Enterprise network managers have long sought to include additional threat protection, especially intrusion detection/prevention systems (IDS/IPS) functions, both at the core and at the perimeters of their networks. However, the complexity of dropping standalone IDS/IPS boxes into a network has made them wary.

Building the "firewall sandwich," with load balancers surrounding a core of clustered firewalls, is well understood, but trying to scale that sandwich up with another layer of protection dramatically increases architectural complexity and potential instability.

A simple sandwich is considered science by network architects, but adding layers takes it from craft to art, dramatically increasing the difficulty of the project and opening a window for failure and problems. It's like adding just one more piece of cheese to that Dagwood sandwich: Not only will you be unable to get it in your mouth, but the whole thing may fall apart on your plate.

Enterprise UTM with integrated IDS/IPS can give network managers additional security throughout the network without the massive increase of complexity that stand-alone IPS devices would create.

Simplified management

It's pleasant to imagine the concept of a single UTM console that can handle everything from IP routing to IDS alerts, but enterprise security teams often want different management systems for a reason: different people are responsible for different kinds of threats and configuration.

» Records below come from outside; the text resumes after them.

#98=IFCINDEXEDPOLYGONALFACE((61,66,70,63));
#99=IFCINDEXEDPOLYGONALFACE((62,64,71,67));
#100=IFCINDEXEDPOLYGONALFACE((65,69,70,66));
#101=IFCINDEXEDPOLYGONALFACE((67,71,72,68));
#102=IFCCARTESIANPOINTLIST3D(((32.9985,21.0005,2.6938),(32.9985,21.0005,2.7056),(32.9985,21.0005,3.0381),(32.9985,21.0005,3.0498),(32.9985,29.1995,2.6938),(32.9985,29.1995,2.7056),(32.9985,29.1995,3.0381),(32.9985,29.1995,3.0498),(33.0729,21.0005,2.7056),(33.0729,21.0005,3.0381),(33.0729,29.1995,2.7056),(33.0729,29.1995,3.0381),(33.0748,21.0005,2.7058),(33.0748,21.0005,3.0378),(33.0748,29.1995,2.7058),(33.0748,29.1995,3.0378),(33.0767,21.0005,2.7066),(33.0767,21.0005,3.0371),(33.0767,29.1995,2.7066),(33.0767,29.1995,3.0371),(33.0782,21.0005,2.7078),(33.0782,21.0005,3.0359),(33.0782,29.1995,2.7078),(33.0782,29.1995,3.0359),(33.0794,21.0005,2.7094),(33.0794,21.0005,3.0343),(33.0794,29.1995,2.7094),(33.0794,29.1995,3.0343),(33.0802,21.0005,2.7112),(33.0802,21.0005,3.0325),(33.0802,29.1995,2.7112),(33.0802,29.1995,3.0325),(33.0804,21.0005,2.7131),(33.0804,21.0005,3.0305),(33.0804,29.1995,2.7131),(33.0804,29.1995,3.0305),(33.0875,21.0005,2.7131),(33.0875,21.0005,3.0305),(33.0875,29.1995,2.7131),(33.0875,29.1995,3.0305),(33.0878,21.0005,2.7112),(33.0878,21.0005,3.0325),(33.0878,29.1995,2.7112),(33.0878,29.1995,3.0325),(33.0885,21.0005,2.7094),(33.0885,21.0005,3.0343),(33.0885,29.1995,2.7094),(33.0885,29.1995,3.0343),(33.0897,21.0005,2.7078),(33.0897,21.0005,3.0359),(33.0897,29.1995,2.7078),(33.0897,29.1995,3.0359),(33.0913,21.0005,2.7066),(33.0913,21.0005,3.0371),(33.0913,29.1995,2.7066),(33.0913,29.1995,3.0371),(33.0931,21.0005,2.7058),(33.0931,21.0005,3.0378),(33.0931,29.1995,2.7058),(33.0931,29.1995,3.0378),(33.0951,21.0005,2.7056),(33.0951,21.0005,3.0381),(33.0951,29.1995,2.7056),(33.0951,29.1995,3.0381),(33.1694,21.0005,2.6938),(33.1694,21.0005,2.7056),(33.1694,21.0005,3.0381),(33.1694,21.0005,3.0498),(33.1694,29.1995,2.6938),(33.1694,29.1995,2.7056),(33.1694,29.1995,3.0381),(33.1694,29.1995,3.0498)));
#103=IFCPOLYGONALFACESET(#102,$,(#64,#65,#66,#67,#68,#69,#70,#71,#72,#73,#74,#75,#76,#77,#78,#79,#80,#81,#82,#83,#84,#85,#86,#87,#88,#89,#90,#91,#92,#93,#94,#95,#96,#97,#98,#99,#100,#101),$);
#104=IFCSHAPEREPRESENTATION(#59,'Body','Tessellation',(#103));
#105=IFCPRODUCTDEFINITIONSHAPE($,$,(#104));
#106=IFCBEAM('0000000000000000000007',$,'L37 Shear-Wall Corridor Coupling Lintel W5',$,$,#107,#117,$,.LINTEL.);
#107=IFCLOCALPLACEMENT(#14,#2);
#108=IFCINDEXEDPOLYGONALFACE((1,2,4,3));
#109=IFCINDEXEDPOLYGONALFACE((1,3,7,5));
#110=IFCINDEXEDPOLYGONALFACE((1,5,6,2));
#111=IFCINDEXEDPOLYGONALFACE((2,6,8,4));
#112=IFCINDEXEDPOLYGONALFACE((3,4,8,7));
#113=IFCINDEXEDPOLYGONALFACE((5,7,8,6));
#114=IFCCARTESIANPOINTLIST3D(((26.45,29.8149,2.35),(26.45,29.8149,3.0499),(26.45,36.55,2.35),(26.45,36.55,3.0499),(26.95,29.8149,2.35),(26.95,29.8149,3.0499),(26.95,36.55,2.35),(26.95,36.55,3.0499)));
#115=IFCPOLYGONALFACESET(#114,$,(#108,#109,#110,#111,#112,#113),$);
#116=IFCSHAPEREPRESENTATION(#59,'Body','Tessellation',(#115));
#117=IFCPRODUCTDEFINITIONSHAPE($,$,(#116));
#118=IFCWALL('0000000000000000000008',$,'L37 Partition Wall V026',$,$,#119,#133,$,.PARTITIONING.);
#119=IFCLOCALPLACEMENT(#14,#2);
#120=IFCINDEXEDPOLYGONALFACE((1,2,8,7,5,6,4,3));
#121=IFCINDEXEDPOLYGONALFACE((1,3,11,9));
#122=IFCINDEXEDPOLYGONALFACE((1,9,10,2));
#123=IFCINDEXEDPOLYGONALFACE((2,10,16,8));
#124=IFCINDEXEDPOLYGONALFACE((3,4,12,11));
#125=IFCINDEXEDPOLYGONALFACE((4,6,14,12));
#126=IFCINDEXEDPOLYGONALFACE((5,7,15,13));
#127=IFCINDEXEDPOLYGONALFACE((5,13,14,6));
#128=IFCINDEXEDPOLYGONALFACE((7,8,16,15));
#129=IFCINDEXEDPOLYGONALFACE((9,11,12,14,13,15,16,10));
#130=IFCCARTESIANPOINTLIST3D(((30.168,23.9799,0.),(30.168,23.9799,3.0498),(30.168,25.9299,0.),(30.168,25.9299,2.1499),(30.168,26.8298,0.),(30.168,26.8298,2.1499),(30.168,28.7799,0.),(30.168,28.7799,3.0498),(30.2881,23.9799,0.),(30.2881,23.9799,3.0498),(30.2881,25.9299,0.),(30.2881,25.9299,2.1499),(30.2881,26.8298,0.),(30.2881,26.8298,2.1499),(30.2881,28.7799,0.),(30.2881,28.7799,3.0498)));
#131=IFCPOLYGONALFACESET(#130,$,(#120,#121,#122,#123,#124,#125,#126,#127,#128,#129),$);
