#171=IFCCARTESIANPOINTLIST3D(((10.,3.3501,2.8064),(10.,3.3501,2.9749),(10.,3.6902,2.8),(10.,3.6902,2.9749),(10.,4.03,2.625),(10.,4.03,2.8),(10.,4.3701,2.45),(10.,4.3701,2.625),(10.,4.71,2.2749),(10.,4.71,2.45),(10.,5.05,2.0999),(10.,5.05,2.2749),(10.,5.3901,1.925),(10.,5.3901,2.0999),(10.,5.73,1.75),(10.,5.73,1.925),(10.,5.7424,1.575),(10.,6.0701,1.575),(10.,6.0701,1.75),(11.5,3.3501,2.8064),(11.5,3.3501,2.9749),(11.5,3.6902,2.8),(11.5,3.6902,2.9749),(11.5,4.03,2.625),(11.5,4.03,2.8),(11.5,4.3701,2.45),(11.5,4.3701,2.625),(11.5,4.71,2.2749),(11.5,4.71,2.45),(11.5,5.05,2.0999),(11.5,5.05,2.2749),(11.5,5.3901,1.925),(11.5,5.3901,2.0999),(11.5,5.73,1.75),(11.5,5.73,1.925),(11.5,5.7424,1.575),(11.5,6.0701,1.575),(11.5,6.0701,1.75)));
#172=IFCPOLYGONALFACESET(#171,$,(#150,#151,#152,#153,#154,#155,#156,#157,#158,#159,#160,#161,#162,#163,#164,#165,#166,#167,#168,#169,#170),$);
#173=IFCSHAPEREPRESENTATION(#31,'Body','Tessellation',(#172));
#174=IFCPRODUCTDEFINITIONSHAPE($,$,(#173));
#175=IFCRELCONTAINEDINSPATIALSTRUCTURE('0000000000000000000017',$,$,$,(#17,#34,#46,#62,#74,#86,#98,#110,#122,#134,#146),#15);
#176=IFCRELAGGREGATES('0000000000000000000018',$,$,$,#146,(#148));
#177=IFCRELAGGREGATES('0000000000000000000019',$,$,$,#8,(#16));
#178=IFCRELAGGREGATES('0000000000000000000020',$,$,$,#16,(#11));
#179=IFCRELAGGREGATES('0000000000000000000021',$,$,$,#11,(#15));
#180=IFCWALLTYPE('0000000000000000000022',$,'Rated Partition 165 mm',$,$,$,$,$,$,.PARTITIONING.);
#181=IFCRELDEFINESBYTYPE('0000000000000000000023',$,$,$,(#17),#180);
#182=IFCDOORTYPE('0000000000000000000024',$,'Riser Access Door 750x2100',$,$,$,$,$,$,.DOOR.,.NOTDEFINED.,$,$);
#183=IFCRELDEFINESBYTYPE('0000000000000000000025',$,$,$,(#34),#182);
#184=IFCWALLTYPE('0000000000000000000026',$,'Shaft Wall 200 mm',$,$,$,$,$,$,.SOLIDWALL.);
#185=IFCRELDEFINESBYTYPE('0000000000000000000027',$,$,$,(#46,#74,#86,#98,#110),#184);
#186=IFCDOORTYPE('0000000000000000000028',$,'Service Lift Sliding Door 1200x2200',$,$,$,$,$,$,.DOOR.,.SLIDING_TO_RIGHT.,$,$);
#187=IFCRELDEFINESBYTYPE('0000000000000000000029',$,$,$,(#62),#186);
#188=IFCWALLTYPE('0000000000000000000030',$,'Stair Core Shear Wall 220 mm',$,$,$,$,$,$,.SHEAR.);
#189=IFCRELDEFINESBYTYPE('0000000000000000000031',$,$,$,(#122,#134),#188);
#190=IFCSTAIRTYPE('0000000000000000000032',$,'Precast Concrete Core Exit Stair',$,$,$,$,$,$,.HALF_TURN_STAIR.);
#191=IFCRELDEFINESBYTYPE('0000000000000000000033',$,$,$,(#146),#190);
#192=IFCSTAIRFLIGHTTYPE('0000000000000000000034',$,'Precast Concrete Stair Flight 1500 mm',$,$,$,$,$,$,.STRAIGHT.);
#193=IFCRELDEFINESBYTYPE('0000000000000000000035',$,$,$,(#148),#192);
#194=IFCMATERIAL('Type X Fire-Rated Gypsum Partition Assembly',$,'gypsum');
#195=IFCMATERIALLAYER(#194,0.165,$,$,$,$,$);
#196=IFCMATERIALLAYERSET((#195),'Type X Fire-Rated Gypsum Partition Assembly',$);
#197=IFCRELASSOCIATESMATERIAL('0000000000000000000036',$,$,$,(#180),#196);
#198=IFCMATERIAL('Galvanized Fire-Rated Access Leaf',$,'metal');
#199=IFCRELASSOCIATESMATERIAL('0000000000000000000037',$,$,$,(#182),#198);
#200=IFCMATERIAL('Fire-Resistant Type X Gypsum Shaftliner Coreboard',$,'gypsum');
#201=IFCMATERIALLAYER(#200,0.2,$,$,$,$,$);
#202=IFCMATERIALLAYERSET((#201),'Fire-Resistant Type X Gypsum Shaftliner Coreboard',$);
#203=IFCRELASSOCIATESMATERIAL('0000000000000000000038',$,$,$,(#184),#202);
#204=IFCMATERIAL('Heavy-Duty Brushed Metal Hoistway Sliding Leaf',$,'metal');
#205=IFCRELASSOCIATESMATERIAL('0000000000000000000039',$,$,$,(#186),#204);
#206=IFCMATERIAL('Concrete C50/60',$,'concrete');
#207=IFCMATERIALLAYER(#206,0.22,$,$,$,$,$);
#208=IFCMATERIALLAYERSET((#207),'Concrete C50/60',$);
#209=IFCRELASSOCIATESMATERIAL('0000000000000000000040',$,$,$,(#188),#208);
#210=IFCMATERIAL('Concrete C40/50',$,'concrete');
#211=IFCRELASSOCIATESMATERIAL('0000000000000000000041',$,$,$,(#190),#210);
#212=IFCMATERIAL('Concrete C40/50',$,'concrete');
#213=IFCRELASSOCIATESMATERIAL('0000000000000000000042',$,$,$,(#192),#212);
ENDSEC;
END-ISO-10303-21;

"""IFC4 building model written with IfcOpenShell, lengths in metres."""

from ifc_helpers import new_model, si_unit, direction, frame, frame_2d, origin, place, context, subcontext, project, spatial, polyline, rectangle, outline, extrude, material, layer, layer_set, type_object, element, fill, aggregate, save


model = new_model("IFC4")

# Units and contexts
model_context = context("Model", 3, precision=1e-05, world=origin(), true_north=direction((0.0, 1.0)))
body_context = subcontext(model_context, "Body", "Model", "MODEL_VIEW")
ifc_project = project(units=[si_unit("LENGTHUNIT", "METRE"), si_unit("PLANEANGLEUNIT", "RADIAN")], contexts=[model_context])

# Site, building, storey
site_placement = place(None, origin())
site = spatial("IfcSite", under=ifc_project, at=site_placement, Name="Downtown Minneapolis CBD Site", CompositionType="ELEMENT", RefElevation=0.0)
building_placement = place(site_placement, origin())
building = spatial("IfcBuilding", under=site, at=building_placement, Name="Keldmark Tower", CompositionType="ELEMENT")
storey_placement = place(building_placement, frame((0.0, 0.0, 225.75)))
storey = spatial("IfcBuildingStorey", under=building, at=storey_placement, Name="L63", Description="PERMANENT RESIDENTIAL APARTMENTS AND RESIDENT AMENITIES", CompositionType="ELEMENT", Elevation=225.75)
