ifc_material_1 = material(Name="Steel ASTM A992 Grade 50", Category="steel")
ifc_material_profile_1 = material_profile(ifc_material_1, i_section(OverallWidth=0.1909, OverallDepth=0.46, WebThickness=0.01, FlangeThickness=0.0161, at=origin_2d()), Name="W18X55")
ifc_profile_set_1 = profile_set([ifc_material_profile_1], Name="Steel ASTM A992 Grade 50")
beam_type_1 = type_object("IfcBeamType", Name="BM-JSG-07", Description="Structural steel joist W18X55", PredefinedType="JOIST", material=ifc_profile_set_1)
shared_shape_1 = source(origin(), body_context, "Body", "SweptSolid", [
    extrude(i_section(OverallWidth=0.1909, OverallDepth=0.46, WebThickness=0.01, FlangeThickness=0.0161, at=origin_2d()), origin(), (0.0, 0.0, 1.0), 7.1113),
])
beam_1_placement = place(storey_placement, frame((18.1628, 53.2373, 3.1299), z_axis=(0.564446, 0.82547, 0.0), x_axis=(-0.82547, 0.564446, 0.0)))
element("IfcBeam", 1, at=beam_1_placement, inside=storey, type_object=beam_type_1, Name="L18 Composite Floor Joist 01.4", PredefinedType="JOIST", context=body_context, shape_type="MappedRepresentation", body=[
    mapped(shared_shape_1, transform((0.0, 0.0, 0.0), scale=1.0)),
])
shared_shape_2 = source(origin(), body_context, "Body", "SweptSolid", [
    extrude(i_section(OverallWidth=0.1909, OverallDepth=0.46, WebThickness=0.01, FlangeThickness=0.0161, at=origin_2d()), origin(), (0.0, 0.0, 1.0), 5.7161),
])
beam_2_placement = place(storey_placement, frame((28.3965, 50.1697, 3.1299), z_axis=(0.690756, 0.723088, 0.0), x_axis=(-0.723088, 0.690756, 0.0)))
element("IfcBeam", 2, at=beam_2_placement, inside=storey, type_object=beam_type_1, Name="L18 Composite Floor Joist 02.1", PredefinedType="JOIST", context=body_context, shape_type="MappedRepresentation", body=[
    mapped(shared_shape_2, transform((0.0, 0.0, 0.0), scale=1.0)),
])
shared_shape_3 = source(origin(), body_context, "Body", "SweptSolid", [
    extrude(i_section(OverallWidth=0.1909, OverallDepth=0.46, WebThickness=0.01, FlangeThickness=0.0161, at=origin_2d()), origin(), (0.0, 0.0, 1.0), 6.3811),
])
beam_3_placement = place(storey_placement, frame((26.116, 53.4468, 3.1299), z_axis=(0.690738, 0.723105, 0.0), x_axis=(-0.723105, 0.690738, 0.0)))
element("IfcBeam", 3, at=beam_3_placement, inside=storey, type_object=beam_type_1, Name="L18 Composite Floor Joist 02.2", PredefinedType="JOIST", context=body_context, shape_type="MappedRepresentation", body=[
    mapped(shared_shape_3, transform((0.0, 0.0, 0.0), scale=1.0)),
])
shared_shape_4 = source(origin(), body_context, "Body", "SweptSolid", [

Nevertheless, some level of management integration can reduce the task of handling these different functions. For example, every management console must have different network objects in it that are used to define policy: here are my mail servers, here are my users, this is the guest network, here is where the Internet is.

Each time those same objects must be typed into a different management system, and each time these objects are updated and adjusted, there is an opportunity for human error or miscommunication to create a security hole. A single management console that shares objects across different functions simplifies the complex task of management.

This single management view is especially valuable when firewall, VPN and IDS/IPS are considered together because all three of these functions act on the same policy. Each of these functions needs to have some view of the topology of the network, what applications are running on different servers and what different groups of users are allowed to do. Completely separate management for all three functions makes coordinated policy maintenance difficult, if not impossible.

A single UTM-ready management console realistically enables a fine-tuning of policy across all three functions, increasing total security.